Financial Accounting Concepts

What is the Ledger and its purpose in Bookkeeping?

A ledger, in bookkeeping and accounting, is a fundamental record, containing all the financial transactions of a business, organized by account.

It essentially forms the spine of the accounting system by ingesting data from several financial documents and expressing them as a single coherent record. The ledger gives an orderly and detailed look at the financial activities of a company, which is so important to track income, expenses, and overall health.

Let’s explore what is the ledger and the purposes it serves in the bookkeeping and accounting functions and what are rules of posting to/from ledger.

Benefits of Ledger

A ledger is very useful and provides valuable information to the organisation. The net result of all transactions regarding a particular account on a given date can be ascertained only from the ledger.

For example, the proprietor on a particular date wants to know the amount due from a specific customer or the amount the firm has to pay to a specific supplier and such information can be found only in the ledger. Such information is very complex to ascertain from the journal because the transactions are recorded in chronological order and are not classified.

For easy posting and location, accounts are opened in the ledger in some specific order. For example, they can be opened in the same order as they appear in the profit and loss account or the balance sheet.

Format of A Ledger Account

A ledger account has two sides-debit (left part of the account) and credit (right part of the account). Each of the debit and credit sides has four columns. (i) Date (ii) Particulars (iii) Journal folio, i.e. page from where the entries are taken for posting and (iv) Amount.

Format of a ledger account

As per this format, the columns will contain the information given below:

The title of the Account: It indicates the name of the particular account.

Dr. /Cr.: it refers to the debit or credit aspect of the transaction.

Date: The date of transactions is posted in chronological order in this column.

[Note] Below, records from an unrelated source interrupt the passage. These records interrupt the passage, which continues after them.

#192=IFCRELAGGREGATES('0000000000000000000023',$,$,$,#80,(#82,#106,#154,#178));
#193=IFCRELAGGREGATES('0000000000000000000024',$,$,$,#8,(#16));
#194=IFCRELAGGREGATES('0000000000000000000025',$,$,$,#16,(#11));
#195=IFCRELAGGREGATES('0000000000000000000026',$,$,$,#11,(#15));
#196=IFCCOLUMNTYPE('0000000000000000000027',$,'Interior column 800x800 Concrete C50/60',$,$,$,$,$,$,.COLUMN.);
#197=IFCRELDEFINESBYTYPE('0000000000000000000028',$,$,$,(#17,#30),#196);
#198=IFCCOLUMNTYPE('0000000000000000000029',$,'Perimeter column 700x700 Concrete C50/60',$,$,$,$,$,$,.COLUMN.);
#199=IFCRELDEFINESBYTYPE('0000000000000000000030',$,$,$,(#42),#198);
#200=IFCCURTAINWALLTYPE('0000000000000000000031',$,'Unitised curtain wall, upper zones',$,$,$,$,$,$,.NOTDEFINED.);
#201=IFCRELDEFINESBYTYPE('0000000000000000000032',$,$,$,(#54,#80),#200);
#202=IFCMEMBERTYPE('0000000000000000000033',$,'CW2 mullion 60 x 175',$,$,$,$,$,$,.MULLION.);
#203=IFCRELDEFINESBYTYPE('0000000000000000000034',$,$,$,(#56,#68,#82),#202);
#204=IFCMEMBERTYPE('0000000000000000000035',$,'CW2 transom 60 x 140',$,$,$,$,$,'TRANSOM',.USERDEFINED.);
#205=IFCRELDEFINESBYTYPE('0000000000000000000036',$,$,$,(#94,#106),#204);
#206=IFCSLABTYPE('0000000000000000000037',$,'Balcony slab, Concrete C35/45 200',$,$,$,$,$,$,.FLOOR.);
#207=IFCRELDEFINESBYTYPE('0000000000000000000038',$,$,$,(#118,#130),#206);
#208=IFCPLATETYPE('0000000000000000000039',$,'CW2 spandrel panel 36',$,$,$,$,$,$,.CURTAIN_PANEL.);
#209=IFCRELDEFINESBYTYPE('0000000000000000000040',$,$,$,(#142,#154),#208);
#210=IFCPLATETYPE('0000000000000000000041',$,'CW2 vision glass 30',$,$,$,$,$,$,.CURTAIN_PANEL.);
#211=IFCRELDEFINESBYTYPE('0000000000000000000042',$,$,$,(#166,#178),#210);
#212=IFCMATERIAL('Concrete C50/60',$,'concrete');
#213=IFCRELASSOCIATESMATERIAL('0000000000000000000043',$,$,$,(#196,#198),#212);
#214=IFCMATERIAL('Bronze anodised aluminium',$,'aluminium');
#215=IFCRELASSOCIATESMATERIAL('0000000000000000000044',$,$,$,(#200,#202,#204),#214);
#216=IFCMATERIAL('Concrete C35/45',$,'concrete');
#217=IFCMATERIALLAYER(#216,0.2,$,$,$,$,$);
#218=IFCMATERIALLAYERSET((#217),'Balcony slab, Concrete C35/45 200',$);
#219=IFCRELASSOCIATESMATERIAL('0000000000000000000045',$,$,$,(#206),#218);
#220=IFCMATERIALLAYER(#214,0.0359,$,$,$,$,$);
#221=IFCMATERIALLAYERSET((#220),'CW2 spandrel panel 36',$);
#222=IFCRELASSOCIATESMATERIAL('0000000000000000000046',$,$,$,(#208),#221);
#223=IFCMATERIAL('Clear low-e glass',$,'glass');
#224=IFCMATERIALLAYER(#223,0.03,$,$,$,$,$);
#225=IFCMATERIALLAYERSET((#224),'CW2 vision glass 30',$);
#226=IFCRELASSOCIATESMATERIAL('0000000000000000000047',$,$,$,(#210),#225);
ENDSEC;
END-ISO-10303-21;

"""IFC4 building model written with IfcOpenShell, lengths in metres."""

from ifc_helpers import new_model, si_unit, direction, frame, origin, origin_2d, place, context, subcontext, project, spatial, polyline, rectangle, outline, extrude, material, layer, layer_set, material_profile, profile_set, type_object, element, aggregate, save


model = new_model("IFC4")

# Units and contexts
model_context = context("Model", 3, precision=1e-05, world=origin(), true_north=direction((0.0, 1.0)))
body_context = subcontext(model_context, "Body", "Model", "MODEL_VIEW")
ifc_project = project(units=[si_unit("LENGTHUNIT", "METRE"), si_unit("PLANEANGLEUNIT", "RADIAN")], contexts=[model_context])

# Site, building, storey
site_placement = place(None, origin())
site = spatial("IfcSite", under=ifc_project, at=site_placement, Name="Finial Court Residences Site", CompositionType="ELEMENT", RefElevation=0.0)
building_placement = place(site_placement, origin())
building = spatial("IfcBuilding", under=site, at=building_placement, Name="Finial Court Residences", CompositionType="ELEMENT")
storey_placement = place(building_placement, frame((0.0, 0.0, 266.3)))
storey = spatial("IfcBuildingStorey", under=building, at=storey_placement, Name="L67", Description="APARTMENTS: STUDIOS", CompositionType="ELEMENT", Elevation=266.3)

Particulars: The name of the accounts and events concerning the original book of entry is written on the debit/credit side of the account.

Journal Folio: It records the page number of the Journal on which the relevant transaction is recorded. This column is filled up at posting and not a recording.

Amount: This column is used to fill the amount of the transaction as recorded in the Journal.

Rules of Posting to Ledger

Posting the Debit Side of the Entry

When an account is debited in the journal, that amount should be written in the debit side of the account in the ledger too. In the particulars column, the name of the opposite account that was credited should be prefixed with the word “To.”

For example, in case of the journal entry “Cash A/c Dr. ₹10,000 To Sales A/c ₹10,000”, Cash Account will show “To Sales A/c ₹10,000” on the debit side.

Posting the Credit Side of the Entry

If any account is credited in the journal, then it should also be posted on the credit side of that account in the ledger. In the particulars column, the account which was debited is recorded preceded with the term “By”. For this example, Sales Account will display “By Cash A/c ₹10,000” on its credit side. This maintains that each component of the transaction is recorded correctly on both sides.

One Entry Per Account Per Transaction

Each account should only post a journal entry one time. Even if an account shows up in multiple entries, in one journal entry, each ledger account will be posted only one time. This prevents duplication and keeps the integrity of the financial information organized.

Use of Accurate Dates

The date appearing in the journal must also be recorded in the ledger for the corresponding transaction. This is useful when tracing an event relevant to a verification, auditing, or even preparing financial statements. Maintaining consistency in the entry of dates reinforces dependability and openness with regards to the accounting documents.

Balancing an Account

At the end of each month and year-end, all accounts in the ledger are balanced. Balancing here means ascertaining the net balance of all debit and credit transactions in a particular account.

For the accounts having nature in debit balance, we use ‘by balance c/d’ read as ‘by balance carried down’. On the opening date of the new month, the same balance is written as ‘To balance b/d’ read as ‘To balance b/d’. Similarly, for accounts having a balance in credit nature, balancing is done by writing ‘To balance c/d’ and at the beginning of the new month ‘By balance b/d’ is written.

However, nominal accounts are not balanced at the end of the year; they are transferred to Profit & Loss A/c (Trading A/c in case of Direct expenses). Hence, they have no opening balance at the beginning of the year. Only personal and real accounts can show balances.

Conclusion

In summary, a ledger is the core of your accounting system. It’s where all your financial transactions are recorded, organized, and analyzed, giving you a clear picture of your financial health and making informed decisions for your business or personal finances.